Israel dan Amerika Serikat melontarkan serangkaian tuduhan tak berbukti terhadap Iran, yang memicu eskalasi konflik selama 12 hari. Perang ini memperkeruh hubungan Iran dengan komunitas internasional.
Serangan tersebut, yang tampaknya direncanakan matang, menyasar target militer dan pemerintahan, menewaskan sejumlah pemimpin militer senior, termasuk tokoh penting dari Korps Garda Revolusi Islam (IRGC) dan kepala staf angkatan bersenjata. Ilmuwan nuklir terkemuka Iran juga menjadi korban dalam serangan tersebut.
Berikut tiga tuduhan utama yang dilayangkan AS dan Israel kepada Iran, yang memicu ketegangan:
1. Ketidakseriusan Iran dalam Negosiasi Nuklir
Serangan terjadi di tengah negosiasi antara Iran dan AS mengenai masa depan program nuklir Iran. Hal ini memunculkan spekulasi bahwa ancaman tindakan Israel merupakan taktik terkoordinasi untuk menekan Iran.

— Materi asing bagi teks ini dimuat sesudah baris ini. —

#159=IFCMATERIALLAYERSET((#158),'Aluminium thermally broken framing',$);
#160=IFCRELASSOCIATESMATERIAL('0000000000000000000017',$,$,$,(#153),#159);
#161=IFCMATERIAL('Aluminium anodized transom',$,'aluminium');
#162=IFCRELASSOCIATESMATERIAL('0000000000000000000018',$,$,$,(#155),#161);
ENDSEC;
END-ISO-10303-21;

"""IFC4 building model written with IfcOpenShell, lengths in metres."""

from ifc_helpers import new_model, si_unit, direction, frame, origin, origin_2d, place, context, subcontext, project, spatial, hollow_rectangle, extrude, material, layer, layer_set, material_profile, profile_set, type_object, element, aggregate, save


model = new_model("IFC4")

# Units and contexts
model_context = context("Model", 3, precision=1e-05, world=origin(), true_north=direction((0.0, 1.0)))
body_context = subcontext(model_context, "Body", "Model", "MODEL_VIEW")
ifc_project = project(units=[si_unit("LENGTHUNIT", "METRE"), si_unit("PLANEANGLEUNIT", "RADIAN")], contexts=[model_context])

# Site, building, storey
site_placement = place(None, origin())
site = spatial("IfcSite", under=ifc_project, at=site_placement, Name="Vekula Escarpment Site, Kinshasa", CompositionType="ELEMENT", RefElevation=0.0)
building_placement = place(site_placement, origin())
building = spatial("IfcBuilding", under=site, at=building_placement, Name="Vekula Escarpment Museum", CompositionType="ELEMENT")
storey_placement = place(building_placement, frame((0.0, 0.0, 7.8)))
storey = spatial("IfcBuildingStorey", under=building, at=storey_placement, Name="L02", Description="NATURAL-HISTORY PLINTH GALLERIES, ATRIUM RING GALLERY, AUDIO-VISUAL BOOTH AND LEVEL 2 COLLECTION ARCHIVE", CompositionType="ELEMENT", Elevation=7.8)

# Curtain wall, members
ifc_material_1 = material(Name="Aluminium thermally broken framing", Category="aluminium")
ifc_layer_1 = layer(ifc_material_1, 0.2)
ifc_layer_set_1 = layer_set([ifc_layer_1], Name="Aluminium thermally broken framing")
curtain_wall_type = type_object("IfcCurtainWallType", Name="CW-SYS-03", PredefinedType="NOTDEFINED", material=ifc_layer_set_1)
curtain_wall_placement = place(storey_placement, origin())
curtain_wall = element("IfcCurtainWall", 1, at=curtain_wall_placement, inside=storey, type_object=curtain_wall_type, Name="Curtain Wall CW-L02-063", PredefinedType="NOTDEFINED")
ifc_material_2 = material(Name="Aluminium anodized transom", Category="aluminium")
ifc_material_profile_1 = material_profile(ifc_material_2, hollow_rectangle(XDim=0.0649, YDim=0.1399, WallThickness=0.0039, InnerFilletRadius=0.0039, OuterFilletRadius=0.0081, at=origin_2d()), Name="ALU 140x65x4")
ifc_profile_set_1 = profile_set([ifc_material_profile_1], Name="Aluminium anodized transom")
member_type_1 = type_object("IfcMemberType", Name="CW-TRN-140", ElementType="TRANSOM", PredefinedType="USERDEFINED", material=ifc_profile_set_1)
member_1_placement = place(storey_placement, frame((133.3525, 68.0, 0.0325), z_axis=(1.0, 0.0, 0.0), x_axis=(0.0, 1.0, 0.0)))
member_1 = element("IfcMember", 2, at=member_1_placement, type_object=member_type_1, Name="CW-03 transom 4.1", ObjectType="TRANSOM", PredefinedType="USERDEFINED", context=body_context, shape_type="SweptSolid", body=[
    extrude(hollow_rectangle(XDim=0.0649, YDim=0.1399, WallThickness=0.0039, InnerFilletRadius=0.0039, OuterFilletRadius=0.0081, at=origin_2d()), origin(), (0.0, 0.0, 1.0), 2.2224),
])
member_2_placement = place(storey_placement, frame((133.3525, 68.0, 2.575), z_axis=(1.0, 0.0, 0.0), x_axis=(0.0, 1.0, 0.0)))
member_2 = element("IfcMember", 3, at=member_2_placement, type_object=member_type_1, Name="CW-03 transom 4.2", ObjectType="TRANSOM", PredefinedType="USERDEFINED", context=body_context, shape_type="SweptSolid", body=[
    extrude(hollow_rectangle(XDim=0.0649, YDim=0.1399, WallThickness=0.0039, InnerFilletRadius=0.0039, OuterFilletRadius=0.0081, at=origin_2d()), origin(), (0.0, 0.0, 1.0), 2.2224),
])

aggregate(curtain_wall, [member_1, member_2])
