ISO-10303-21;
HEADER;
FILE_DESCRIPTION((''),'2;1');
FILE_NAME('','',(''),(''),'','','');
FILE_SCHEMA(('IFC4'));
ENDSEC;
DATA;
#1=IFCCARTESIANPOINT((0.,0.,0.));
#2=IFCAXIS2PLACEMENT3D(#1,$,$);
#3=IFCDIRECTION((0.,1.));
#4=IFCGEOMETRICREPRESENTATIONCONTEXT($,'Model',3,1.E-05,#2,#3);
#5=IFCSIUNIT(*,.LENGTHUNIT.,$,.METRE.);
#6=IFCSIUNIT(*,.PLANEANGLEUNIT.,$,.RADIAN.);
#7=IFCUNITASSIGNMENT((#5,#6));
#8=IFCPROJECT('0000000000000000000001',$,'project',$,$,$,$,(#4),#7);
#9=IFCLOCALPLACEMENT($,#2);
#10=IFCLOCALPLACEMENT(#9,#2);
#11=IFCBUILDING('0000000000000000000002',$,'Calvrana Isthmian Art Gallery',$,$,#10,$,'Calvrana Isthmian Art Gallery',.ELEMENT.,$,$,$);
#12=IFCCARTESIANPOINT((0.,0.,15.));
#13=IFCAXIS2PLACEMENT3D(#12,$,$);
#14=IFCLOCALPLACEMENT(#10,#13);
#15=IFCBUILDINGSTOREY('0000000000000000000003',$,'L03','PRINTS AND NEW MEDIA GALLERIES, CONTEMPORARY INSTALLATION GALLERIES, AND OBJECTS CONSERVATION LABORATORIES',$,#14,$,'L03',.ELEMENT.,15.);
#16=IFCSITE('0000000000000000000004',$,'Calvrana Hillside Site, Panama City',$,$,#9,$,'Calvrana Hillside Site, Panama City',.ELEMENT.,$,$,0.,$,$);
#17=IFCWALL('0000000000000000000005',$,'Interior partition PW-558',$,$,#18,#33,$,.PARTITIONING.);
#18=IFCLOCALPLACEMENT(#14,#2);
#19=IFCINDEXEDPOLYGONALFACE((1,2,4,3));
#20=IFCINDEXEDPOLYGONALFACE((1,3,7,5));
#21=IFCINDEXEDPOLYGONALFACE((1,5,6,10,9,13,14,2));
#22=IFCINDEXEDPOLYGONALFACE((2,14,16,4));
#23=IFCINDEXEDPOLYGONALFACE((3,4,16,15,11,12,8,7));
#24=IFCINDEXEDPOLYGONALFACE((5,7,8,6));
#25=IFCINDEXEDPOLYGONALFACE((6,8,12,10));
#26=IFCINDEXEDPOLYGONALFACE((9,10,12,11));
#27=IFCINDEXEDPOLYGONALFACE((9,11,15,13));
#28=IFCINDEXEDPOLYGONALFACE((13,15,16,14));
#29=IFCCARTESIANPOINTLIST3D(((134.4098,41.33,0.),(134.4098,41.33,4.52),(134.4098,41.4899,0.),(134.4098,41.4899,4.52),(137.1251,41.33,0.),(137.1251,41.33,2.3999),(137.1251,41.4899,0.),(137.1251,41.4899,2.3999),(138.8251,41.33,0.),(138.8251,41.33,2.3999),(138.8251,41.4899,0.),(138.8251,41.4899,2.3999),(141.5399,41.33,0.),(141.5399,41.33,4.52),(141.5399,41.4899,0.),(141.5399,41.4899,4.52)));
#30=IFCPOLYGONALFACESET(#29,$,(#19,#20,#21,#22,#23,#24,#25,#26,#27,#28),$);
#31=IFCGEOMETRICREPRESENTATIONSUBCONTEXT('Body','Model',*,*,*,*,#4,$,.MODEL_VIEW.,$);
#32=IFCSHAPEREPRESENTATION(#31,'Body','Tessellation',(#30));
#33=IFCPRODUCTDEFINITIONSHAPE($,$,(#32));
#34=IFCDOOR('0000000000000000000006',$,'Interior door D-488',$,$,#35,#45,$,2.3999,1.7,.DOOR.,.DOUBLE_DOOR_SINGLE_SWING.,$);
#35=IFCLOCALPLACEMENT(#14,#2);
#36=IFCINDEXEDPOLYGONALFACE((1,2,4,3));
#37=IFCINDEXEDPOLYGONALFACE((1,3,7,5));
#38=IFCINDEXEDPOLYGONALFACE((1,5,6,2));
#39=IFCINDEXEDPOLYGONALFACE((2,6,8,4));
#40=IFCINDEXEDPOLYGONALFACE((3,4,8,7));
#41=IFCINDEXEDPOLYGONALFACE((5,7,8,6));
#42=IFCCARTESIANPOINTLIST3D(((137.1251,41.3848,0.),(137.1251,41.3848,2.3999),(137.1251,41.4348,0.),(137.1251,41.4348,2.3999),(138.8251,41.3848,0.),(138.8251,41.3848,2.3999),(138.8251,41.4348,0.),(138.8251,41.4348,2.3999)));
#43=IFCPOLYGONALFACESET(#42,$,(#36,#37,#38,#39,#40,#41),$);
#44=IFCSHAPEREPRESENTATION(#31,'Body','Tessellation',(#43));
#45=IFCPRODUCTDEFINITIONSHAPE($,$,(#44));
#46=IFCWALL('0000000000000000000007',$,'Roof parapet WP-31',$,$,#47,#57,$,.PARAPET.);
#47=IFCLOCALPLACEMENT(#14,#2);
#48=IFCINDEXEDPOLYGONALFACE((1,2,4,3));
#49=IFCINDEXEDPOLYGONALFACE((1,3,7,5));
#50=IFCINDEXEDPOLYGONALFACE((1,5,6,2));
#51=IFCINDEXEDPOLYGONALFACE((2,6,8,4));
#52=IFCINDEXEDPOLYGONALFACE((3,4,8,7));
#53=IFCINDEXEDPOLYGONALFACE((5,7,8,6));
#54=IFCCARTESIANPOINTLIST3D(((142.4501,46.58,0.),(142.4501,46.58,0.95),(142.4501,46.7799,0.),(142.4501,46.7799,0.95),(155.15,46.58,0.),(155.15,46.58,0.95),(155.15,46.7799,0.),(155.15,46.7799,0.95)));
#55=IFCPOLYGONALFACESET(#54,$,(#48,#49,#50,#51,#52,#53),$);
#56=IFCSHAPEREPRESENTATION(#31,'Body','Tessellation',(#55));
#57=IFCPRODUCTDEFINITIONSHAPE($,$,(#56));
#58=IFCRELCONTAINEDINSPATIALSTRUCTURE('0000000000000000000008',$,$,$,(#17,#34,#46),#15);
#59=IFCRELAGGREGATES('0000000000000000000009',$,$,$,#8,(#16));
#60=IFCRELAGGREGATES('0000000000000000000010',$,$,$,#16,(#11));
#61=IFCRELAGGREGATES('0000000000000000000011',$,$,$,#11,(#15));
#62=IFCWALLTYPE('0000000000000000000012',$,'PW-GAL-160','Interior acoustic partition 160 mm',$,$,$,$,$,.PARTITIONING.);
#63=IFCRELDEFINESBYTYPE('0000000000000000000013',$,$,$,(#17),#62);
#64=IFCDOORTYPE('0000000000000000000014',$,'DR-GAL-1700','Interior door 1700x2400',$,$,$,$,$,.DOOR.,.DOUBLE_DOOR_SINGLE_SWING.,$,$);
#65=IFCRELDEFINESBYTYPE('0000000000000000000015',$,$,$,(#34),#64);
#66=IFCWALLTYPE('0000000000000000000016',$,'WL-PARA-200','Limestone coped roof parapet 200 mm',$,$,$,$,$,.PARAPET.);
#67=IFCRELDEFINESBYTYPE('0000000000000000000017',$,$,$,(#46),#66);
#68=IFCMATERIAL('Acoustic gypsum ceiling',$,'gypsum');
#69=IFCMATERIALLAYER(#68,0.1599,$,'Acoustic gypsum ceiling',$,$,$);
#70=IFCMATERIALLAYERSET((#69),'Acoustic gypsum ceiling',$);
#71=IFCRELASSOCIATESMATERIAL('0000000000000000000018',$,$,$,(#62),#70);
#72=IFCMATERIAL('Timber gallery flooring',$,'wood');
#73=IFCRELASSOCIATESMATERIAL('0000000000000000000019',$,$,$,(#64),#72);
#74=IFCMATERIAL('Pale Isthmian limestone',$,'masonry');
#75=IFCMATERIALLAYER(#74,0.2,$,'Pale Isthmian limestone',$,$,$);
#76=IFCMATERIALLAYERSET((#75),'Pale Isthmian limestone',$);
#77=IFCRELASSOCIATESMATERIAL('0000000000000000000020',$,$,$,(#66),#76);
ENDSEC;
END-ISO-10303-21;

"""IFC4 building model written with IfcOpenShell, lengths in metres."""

from ifc_helpers import new_model, si_unit, direction, frame, frame_2d, origin, place, context, subcontext, project, spatial, rectangle, extrude, material, layer, layer_set, type_object, element, fill, save


model = new_model("IFC4")

# Units and contexts
model_context = context("Model", 3, precision=1e-05, world=origin(), true_north=direction((0.0, 1.0)))
body_context = subcontext(model_context, "Body", "Model", "MODEL_VIEW")
ifc_project = project(units=[si_unit("LENGTHUNIT", "METRE"), si_unit("PLANEANGLEUNIT", "RADIAN")], contexts=[model_context])

# Site, building, storey
site_placement = place(None, origin())
site = spatial("IfcSite", under=ifc_project, at=site_placement, Name="Calvrana Hillside Site, Panama City", LongName="Calvrana Hillside Site, Panama City", CompositionType="ELEMENT", RefElevation=0.0)
building_placement = place(site_placement, origin())
building = spatial("IfcBuilding", under=site, at=building_placement, Name="Calvrana Isthmian Art Gallery", LongName="Calvrana Isthmian Art Gallery", CompositionType="ELEMENT")
storey_placement = place(building_placement, frame((0.0, 0.0, 15.0)))
storey = spatial("IfcBuildingStorey", under=building, at=storey_placement, Name="L03", Description="PRINTS AND NEW MEDIA GALLERIES, CONTEMPORARY INSTALLATION GALLERIES, AND OBJECTS CONSERVATION LABORATORIES", LongName="L03", CompositionType="ELEMENT", Elevation=15.0)

# Shared definitions
ifc_material_1 = material(Name="Pale Isthmian limestone", Category="masonry")

# Shared definitions
ifc_material_2 = material(Name="Acoustic gypsum ceiling", Category="gypsum")
ifc_layer_1 = layer(ifc_material_2, 0.1599, Name="Acoustic gypsum ceiling")
ifc_layer_set_1 = layer_set([ifc_layer_1], Name="Acoustic gypsum ceiling")
wall_type_1 = type_object("IfcWallType", Name="PW-GAL-160", Description="Interior acoustic partition 160 mm", PredefinedType="PARTITIONING", material=ifc_layer_set_1)

# Wall, opening, door
wall_1_placement = place(storey_placement, frame((134.4099, 41.4099, 0.0), z_axis=(0.0, 0.0, 1.0), x_axis=(1.0, 0.0, 0.0)))
wall_1 = element("IfcWall", 1, at=wall_1_placement, inside=storey, type_object=wall_type_1, Name="Interior partition PW-558", PredefinedType="PARTITIONING", context=body_context, shape_type="SweptSolid", body=[
    extrude(rectangle(XDim=7.1301, YDim=0.1599, at=frame_2d((3.5649, 0.0))), origin(), (0.0, 0.0, 1.0), 4.52),
])
opening_1_placement = place(wall_1_placement, frame((2.7151, 0.0, 0.0)))
opening_1 = element("IfcOpeningElement", 2, at=opening_1_placement, cuts=wall_1, PredefinedType="OPENING", context=body_context, shape_type="SweptSolid", body=[
    extrude(rectangle(XDim=1.7, YDim=2.3999, at=frame_2d((0.8501, 1.2))), frame((0.0, 0.0903, 0.0), z_axis=(0.0, -1.0, 0.0), x_axis=(1.0, 0.0, 0.0)), (0.0, 0.0, 1.0), 0.1804),
])
ifc_material_3 = material(Name="Timber gallery flooring", Category="wood")
door_type = type_object("IfcDoorType", Name="DR-GAL-1700", Description="Interior door 1700x2400", OperationType="DOUBLE_DOOR_SINGLE_SWING", PredefinedType="DOOR", material=ifc_material_3)
door_placement = place(opening_1_placement, origin())
door = element("IfcDoor", 3, at=door_placement, inside=storey, type_object=door_type, Name="Interior door D-488", OperationType="DOUBLE_DOOR_SINGLE_SWING", OverallHeight=2.3999, OverallWidth=1.7, PredefinedType="DOOR", context=body_context, shape_type="SweptSolid", body=[
    extrude(rectangle(XDim=1.7, YDim=2.3999, at=frame_2d((0.8501, 1.2))), frame((0.0, 0.0249, 0.0), z_axis=(0.0, -1.0, 0.0), x_axis=(1.0, 0.0, 0.0)), (0.0, 0.0, 1.0), 0.05),
])
fill(opening_1, door)

# Wall
ifc_layer_2 = layer(ifc_material_1, 0.2, Name="Pale Isthmian limestone")
ifc_layer_set_2 = layer_set([ifc_layer_2], Name="Pale Isthmian limestone")
wall_type_2 = type_object("IfcWallType", Name="WL-PARA-200", Description="Limestone coped roof parapet 200 mm", PredefinedType="PARAPET", material=ifc_layer_set_2)
wall_2_placement = place(storey_placement, frame((142.45, 46.6799, 0.0), z_axis=(0.0, 0.0, 1.0), x_axis=(1.0, 0.0, 0.0)))
element("IfcWall", 4, at=wall_2_placement, inside=storey, type_object=wall_type_2, Name="Roof parapet WP-31", PredefinedType="PARAPET", context=body_context, shape_type="SweptSolid", body=[
    extrude(rectangle(XDim=12.7, YDim=0.2, at=frame_2d((6.3501, 0.0))), origin(), (0.0, 0.0, 1.0), 0.95),
])

save(model, "model.ifc")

Dukungan AS sangat penting bagi Israel, bertindak sebagai pelindung utama dan perisai terhadap kritik di PBB, sering menggunakan hak veto untuk menghalangi kecaman resmi terhadap sekutunya.
Serangan terhadap Iran, kekuatan regional yang berpengaruh, merupakan langkah berisiko bagi Israel dan AS, yang memiliki pasukan di seluruh wilayah.

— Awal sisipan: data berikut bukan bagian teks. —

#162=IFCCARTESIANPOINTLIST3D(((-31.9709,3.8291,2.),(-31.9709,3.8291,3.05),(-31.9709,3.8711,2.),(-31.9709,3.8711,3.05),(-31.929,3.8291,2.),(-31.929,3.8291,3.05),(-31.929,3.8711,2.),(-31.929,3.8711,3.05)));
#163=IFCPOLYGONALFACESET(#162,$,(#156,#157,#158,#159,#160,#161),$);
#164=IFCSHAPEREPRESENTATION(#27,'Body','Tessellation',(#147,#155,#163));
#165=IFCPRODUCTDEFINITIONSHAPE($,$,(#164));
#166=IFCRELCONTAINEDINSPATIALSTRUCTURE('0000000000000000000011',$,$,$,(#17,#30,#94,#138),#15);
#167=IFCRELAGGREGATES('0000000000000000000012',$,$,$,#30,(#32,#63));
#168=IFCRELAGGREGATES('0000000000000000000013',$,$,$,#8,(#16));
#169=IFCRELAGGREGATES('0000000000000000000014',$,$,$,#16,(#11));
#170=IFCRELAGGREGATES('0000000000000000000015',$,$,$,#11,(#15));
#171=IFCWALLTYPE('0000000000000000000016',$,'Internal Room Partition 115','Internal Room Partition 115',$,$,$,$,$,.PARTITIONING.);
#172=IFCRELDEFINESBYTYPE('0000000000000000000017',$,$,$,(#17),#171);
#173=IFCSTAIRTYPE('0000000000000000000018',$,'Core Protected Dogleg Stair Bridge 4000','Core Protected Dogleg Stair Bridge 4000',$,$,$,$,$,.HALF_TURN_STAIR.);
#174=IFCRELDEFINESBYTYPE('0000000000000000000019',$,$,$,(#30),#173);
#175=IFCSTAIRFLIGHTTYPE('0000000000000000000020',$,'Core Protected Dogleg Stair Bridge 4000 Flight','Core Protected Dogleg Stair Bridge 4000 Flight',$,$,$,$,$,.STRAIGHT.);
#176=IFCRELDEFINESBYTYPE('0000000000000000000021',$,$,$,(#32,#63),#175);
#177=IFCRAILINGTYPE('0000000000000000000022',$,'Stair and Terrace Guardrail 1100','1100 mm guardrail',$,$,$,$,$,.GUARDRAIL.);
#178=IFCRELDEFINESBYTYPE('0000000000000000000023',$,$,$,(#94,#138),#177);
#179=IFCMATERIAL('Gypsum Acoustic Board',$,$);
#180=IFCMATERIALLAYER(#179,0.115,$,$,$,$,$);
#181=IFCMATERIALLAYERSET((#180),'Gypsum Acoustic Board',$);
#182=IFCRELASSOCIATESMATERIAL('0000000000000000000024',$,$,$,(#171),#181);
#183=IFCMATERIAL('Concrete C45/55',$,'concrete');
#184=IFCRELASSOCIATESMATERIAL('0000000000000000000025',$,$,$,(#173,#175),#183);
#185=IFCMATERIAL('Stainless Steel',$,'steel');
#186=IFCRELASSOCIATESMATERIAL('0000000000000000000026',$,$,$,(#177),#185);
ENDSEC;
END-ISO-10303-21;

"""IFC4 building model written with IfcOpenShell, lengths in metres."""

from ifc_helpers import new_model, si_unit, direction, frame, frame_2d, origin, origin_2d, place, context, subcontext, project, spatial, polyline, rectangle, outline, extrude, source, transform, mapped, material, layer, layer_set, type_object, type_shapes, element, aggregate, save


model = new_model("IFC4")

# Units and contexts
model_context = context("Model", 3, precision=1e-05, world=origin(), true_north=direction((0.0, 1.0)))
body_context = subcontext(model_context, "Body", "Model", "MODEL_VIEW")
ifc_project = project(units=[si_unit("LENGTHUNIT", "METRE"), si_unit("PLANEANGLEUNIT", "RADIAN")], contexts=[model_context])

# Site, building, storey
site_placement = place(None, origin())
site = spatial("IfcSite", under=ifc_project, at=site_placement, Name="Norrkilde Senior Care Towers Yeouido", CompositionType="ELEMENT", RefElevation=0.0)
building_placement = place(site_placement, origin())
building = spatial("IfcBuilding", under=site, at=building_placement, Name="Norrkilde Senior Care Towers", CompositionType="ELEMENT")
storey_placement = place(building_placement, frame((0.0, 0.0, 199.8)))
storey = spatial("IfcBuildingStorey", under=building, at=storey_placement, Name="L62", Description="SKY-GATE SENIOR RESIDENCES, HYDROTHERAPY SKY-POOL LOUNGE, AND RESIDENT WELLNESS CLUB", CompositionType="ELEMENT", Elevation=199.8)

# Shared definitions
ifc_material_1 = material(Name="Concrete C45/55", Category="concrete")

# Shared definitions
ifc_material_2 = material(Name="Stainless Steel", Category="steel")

2. Pengembangan Bom Nuklir oleh Iran
Israel mengklaim bahwa Iran mengembangkan bom nuklir. Keunggulan militer Israel di Timur Tengah didasarkan pada persenjataan konvensional dan dukungan AS, tetapi juga pada kepemilikan senjata nuklir, sesuatu yang tidak dimiliki negara lain di kawasan itu.
Senjata nuklir Iran akan menghilangkan keunggulan tersebut, yang menjadi garis merah bagi Israel. Israel berpendapat bahwa Iran hampir memperoleh senjata nuklir, meskipun Iran menegaskan bahwa program nuklirnya bertujuan damai.
Netanyahu mengklaim Iran dapat memproduksi "senjata nuklir dalam waktu yang sangat singkat – bisa jadi satu tahun, atau bisa juga beberapa bulan". Pejabat militer Israel yang tidak disebutkan namanya mengklaim Iran memiliki "cukup bahan fisi untuk 15 bom nuklir dalam beberapa hari".
Badan Tenaga Atom Internasional (IAEA) mencatat sejarah panjang ketidakkooperatifan antara Iran dan inspektur mereka, tetapi tidak pernah menyebutkan bahwa Iran telah mengembangkan senjata nuklir.
Sebagai bagian dari kesepakatan tahun 2015, Iran setuju untuk membatasi program nuklirnya dan mengizinkan IAEA memeriksa fasilitasnya secara berkala sebagai imbalan atas keringanan sanksi. Namun, pada tahun 2018, Presiden AS Donald Trump menarik diri dari kesepakatan tersebut dan memberlakukan kembali sanksi.
Direktur Intelijen Nasional AS menyatakan bahwa AS "terus menilai bahwa Iran tidak membangun senjata nuklir dan Pemimpin Tertinggi Ayatollah Ali Khamenei belum mengesahkan program senjata nuklir yang dihentikannya pada tahun 2003".
3. Kepemimpinan Iran dalam Poros Perlawanan
Netanyahu menggambarkan Iran sebagai "kepala gurita" dengan "tentakel di sekelilingnya, mulai dari Houthi, Hizbullah hingga Hamas". Iran dianggap sebagai pemimpin jaringan kelompok anti-Israel di seluruh wilayah.
Sejak memulai perang di Gaza pada bulan Oktober 2023, Israel telah melemahkan Hamas dan Hizbullah secara signifikan, membatasi kemampuan mereka untuk menyerang Israel. Para pemimpin puncak kedua organisasi tersebut hampir seluruhnya disingkirkan.
Serangan terhadap Hizbullah tidak ditanggapi dengan reaksi keras seperti yang ditakutkan di Israel, memungkinkan para petinggi Israel untuk berpendapat bahwa negara mereka memiliki peluang yang belum pernah terjadi sebelumnya untuk terus menargetkan musuh-musuhnya, termasuk Iran, dan membentuk kembali seluruh Timur Tengah. Beberapa pihak bahkan menganggap ada peluang untuk perubahan rezim di Iran.
Meskipun demikian, tidak ada konfrontasi langsung antara Israel, Iran, atau sekutunya sejak tahun lalu sebelum serangan Israel. Tidak ada pula ancaman tindakan, selain serangan balik jika Israel menyerang.